Locke Locke, of Dallas, and James H. McIntosh, of New York City, for plaintiff in error. Flournoy, Smith Storer, of Ft. Worth, for defendants in error.
The first question arising on the findings of the jury and presented by the assignments, may — fairly, we think — be stated as follows: Should it be said that the mind of a person who knows the nature and effect of a contract, whereby he agrees to the cancellation of policies insuring his life for the benefit of his estate, but who is impelled to so agree by an insane delusion that his children mean to murder him to obtain the benefit of the insurance, is so unsound as to render him incapable of binding himself by the contract? The company insists the question should be answered in the negative, and cites, as supporting its contention, cases like Gee v. Johnson, 142 S.W. 625 (holding that the test of mental capacity to contract is the ability to understand the nature and effect of a contract in question), and cases like Mathews v. Nash, 151 Iowa 125, 130 N.W. 796 (where the Supreme Court of Iowa said: "If delusions be relied upon, it must be shown that they influenced the party to such an extent that he had no reasonable conception or understanding of the true nature and terms of the contract"), Du Bose v. Kell, 90 S.C. 208, 71 S.E. 376 (where the Supreme Court of South Carolina approved a statement by the trial judge as follows: "Mere infirmity of mind or body, not amounting to an incapacity to understand the nature and consequence of the act done, will not render a person incapable of executing a valid deed. Nor will monomania or delusion existing in the mind of the grantor affect the validity of a deed, unless it be such as to actually influence his mind in the very transaction in question by rendering him incapable of appreciating the true nature and effect of the particular act in controversy"), and Jenkins v. Morris, 14 Ch.Div. 674 (where an English court held merely that, notwithstanding a party seeking relief against a contract was, at the time he made the contract, laboring under an insane delusion with respect to the subject matter of same, it was still a question for the jury to say whether he was mentally incapable of binding himself or not, one of the judges saying: "The delusion may be trivial, and whether so or not the conviction of a jury or judge may, unless forbidden by law, be that it did not affect the disposition").

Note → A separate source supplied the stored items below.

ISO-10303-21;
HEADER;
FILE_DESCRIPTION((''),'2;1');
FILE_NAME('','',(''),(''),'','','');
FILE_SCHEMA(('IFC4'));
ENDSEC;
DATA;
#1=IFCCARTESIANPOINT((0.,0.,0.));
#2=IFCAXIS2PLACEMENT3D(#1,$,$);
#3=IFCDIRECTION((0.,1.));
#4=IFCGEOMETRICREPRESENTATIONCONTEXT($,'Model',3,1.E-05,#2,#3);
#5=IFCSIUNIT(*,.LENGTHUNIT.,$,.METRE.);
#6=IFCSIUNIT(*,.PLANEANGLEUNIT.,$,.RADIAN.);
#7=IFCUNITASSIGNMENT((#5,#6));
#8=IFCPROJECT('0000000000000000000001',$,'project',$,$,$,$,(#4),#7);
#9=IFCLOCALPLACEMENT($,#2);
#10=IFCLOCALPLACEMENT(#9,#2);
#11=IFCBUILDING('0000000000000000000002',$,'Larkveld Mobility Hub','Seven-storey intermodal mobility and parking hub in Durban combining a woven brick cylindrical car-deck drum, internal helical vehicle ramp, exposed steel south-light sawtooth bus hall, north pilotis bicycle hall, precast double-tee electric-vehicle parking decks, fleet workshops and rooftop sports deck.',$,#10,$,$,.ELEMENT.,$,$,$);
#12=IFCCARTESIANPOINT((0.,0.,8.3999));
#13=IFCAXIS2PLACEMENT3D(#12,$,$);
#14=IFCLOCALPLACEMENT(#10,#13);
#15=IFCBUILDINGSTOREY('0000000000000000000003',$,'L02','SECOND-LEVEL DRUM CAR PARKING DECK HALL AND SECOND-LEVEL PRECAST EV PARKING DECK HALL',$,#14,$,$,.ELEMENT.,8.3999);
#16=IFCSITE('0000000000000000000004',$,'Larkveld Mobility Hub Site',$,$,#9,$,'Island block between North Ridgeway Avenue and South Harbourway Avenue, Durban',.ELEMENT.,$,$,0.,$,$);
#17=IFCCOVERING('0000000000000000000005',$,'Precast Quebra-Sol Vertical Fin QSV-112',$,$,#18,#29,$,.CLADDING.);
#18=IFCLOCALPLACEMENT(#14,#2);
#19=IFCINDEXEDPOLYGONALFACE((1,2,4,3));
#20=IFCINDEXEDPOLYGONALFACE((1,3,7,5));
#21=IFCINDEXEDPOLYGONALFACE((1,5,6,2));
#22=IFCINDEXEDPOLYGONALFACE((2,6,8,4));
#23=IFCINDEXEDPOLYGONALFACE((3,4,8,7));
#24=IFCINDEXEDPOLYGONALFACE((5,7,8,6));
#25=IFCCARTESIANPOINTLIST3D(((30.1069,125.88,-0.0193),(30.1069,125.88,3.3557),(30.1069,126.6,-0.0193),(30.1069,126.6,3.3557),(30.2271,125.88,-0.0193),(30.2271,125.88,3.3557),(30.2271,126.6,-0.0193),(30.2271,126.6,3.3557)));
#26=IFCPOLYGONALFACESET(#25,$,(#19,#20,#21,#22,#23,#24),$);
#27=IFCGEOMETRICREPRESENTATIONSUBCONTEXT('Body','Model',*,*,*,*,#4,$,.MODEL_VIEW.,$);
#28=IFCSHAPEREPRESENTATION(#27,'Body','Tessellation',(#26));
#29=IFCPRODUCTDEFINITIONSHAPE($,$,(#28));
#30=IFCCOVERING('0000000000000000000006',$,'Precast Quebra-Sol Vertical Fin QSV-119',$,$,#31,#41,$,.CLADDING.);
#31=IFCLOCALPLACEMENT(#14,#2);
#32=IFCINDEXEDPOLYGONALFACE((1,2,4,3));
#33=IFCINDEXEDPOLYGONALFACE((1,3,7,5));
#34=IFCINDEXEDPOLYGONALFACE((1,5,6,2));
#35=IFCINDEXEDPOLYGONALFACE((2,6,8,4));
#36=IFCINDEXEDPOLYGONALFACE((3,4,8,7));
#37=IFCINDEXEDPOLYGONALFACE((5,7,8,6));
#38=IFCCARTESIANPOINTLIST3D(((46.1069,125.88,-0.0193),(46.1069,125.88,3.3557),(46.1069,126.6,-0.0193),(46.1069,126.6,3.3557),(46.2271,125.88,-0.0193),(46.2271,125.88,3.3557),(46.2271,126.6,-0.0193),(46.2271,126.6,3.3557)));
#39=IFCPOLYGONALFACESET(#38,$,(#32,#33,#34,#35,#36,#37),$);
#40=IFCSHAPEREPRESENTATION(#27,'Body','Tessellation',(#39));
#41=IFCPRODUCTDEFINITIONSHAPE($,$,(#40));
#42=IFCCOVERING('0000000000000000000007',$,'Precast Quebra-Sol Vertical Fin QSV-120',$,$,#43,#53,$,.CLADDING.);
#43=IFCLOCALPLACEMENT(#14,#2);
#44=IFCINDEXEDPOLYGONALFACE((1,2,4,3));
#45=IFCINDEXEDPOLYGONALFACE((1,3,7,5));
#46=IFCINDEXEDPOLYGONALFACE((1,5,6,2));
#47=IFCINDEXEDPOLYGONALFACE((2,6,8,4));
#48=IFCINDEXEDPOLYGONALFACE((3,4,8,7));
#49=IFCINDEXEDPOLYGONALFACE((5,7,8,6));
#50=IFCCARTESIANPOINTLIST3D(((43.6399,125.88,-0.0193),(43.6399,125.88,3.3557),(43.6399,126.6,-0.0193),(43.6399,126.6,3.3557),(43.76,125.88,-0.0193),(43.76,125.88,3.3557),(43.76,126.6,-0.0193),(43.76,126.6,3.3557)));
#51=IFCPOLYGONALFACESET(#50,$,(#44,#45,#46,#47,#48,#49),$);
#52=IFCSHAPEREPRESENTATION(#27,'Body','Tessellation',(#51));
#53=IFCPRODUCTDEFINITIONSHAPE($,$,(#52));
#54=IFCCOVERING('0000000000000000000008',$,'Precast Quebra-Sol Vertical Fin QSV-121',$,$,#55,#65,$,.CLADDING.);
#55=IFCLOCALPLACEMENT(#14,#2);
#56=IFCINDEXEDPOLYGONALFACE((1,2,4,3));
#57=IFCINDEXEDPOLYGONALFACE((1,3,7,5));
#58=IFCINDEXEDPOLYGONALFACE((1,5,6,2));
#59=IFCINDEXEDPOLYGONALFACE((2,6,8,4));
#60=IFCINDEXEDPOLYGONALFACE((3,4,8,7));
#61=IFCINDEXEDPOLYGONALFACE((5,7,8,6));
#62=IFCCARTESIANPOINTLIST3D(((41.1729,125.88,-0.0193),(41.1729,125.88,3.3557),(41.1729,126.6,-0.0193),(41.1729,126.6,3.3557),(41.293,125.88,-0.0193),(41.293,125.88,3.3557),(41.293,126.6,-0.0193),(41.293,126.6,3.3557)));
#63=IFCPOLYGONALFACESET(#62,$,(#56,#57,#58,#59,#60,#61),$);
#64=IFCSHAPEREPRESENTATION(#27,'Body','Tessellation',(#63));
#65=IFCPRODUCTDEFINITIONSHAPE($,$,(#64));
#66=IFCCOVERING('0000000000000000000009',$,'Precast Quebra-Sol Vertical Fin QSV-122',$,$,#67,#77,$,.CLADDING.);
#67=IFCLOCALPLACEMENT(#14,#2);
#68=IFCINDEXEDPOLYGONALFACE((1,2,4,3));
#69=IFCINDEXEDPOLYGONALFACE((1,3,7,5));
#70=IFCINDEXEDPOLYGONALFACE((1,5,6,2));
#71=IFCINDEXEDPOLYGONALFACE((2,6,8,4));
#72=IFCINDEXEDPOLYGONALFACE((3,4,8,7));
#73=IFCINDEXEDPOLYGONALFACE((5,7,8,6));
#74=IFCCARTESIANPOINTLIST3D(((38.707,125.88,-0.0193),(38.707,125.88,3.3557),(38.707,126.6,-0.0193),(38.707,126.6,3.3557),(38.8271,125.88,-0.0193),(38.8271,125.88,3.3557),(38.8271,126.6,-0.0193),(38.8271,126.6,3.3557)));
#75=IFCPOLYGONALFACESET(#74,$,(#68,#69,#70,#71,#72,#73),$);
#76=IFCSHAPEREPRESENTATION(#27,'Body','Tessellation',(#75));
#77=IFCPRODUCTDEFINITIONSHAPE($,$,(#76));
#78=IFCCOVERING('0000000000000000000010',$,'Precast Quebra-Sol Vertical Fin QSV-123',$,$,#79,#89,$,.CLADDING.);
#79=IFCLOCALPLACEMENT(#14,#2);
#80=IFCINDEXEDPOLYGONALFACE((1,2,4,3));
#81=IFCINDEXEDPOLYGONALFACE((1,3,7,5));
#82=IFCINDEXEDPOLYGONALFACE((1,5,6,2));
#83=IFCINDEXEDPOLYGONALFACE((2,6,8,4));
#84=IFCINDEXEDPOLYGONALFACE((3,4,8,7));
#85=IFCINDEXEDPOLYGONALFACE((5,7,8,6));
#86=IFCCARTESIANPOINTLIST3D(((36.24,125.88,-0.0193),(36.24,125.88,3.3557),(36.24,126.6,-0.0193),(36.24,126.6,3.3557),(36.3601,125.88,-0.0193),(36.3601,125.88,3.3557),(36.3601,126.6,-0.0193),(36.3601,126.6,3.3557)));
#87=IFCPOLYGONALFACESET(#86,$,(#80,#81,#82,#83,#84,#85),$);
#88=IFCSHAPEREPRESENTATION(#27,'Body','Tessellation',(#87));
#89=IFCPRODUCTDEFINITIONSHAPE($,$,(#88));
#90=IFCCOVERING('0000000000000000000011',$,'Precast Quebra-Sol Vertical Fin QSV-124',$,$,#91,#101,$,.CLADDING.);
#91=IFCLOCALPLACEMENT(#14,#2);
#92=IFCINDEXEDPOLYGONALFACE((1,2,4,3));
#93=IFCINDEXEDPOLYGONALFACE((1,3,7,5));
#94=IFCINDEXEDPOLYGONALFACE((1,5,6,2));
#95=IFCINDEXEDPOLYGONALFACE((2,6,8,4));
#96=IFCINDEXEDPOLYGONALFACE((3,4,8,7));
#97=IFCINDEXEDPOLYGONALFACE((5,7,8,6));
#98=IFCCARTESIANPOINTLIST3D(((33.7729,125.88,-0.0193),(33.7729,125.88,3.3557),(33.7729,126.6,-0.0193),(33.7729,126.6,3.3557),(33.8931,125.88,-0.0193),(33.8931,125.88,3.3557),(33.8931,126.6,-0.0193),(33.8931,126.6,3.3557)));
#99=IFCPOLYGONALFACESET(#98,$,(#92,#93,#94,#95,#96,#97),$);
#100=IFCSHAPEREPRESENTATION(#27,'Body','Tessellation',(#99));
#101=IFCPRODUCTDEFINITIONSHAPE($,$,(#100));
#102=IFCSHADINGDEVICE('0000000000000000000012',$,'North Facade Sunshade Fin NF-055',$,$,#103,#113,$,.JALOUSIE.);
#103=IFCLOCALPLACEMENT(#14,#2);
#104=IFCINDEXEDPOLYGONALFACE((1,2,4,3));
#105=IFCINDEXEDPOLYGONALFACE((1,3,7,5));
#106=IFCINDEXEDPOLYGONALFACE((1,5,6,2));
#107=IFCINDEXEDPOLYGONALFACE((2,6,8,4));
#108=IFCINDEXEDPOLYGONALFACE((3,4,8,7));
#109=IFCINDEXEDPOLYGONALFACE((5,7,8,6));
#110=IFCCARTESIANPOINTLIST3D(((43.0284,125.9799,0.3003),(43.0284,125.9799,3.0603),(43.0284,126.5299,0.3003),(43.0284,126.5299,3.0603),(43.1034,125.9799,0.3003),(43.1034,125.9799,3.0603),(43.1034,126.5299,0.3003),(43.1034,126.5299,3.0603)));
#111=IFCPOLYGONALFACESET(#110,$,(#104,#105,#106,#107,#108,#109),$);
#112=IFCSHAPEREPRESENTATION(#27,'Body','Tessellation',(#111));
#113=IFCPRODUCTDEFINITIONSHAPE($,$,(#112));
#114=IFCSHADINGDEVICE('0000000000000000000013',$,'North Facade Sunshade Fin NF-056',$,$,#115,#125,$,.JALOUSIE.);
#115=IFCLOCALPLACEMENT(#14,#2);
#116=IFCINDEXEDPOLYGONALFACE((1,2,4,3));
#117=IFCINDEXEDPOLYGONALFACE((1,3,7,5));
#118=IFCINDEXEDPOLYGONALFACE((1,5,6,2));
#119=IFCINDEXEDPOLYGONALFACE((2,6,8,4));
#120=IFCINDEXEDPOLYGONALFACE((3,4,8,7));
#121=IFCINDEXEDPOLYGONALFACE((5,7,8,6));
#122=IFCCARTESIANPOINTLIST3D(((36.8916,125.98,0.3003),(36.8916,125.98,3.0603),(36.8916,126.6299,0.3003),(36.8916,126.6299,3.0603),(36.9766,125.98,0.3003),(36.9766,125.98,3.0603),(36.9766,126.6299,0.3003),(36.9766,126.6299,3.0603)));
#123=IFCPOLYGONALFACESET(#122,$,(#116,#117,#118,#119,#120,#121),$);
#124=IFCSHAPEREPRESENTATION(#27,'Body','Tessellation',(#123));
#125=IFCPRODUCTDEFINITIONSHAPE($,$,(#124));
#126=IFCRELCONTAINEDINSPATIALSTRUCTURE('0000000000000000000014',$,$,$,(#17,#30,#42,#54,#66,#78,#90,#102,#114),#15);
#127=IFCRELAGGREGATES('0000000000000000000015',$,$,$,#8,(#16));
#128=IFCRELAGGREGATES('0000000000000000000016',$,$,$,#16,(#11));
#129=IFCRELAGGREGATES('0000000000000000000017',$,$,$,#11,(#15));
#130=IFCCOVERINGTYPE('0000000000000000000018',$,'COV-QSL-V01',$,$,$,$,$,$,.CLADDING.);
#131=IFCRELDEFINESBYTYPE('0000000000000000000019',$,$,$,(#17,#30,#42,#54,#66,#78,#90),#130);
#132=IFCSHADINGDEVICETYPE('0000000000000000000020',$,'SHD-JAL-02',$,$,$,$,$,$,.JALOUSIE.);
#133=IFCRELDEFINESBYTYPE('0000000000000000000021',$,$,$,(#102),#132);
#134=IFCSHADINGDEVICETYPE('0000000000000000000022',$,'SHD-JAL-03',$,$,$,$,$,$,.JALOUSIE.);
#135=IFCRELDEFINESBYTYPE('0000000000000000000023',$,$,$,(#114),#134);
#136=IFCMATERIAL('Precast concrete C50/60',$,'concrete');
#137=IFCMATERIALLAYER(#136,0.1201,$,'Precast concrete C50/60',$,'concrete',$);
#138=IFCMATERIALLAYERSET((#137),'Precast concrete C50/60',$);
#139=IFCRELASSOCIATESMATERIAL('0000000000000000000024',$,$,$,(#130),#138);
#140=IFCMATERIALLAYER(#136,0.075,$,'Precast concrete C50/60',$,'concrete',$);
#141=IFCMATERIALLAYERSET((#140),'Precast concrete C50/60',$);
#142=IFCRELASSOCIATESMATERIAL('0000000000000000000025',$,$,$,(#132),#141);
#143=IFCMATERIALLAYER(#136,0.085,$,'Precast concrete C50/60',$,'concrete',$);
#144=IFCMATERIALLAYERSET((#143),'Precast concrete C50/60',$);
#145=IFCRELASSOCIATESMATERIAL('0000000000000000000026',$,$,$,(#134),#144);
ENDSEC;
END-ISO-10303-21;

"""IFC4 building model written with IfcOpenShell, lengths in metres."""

from ifc_helpers import new_model, si_unit, direction, frame, origin, origin_2d, place, context, subcontext, project, spatial, rectangle, extrude, material, layer, layer_set, type_object, element, save


model = new_model("IFC4")

# Units and contexts
model_context = context("Model", 3, precision=1e-05, world=origin(), true_north=direction((0.0, 1.0)))
body_context = subcontext(model_context, "Body", "Model", "MODEL_VIEW")
ifc_project = project(units=[si_unit("LENGTHUNIT", "METRE"), si_unit("PLANEANGLEUNIT", "RADIAN")], contexts=[model_context])

# Site, building, storey
site_placement = place(None, origin())
site = spatial("IfcSite", under=ifc_project, at=site_placement, Name="Larkveld Mobility Hub Site", LongName="Island block between North Ridgeway Avenue and South Harbourway Avenue, Durban", CompositionType="ELEMENT", RefElevation=0.0)
building_placement = place(site_placement, origin())
building = spatial("IfcBuilding", under=site, at=building_placement, Name="Larkveld Mobility Hub", Description="Seven-storey intermodal mobility and parking hub in Durban combining a woven brick cylindrical car-deck drum, internal helical vehicle ramp, exposed steel south-light sawtooth bus hall, north pilotis bicycle hall, precast double-tee electric-vehicle parking decks, fleet workshops and rooftop sports deck.", CompositionType="ELEMENT")
storey_placement = place(building_placement, frame((0.0, 0.0, 8.3999)))
storey = spatial("IfcBuildingStorey", under=building, at=storey_placement, Name="L02", Description="SECOND-LEVEL DRUM CAR PARKING DECK HALL AND SECOND-LEVEL PRECAST EV PARKING DECK HALL", CompositionType="ELEMENT", Elevation=8.3999)

# Shared definitions
ifc_material_1 = material(Name="Precast concrete C50/60", Category="concrete")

Plaintiffs, on the other hand, assert that, where the insanity relied upon consists of insane delusions, the test is, "Did such insane delusions cause the act?" and cite, as supporting their contention that the answer to the question stated above as based on the findings of the jury should be in the affirmative, cases like Meigs v. Dexter, 172 Mass. 217, 52 N.E. 75 (where the Supreme Court of Massachusetts approved as correct an instruction in part as follows: "The question is whether that insane delusion, if a person has it, is a moving cause to some act which would not have been done except for that delusion," and which renders the person of unsound mind in respect to that thing), Dewey v. Allgire, 37 Neb. 10, 55 N.W. 278, 40 Am.St.Rep. 468 (where the Supreme Court of Nebraska said: "It has been repeatedly held that the deed of one afflicted with monomania may be set aside where the execution of the deed was induced by the disease"), and Kastell v. Hillman, 53 N.J. Eq 49, 30 A. 535 (where the New Jersey Court of Chancery said, in effect, that the facts that Kastell, maker of the deed, knew he was conveying the property to his two grandchildren, that he desired to do so, and was satisfied with the act, was not all that was to be considered in disposing of the attack made on the deed by his son, on the ground that Kastell acted under an insane delusion that he [the son] had swindled him). In stating the opinion of the court, Vice Chancellor Pitney said:
"Mr. Kastell entertained and expressed a reason for making this conveyance, and I think its validity must depend, in a measure, upon the question whether that reason was such a one as could be entertained by a sound and healthy mind, or whether it was in itself unreasonable, and the result of a weak childish, morbid, and diseased mind."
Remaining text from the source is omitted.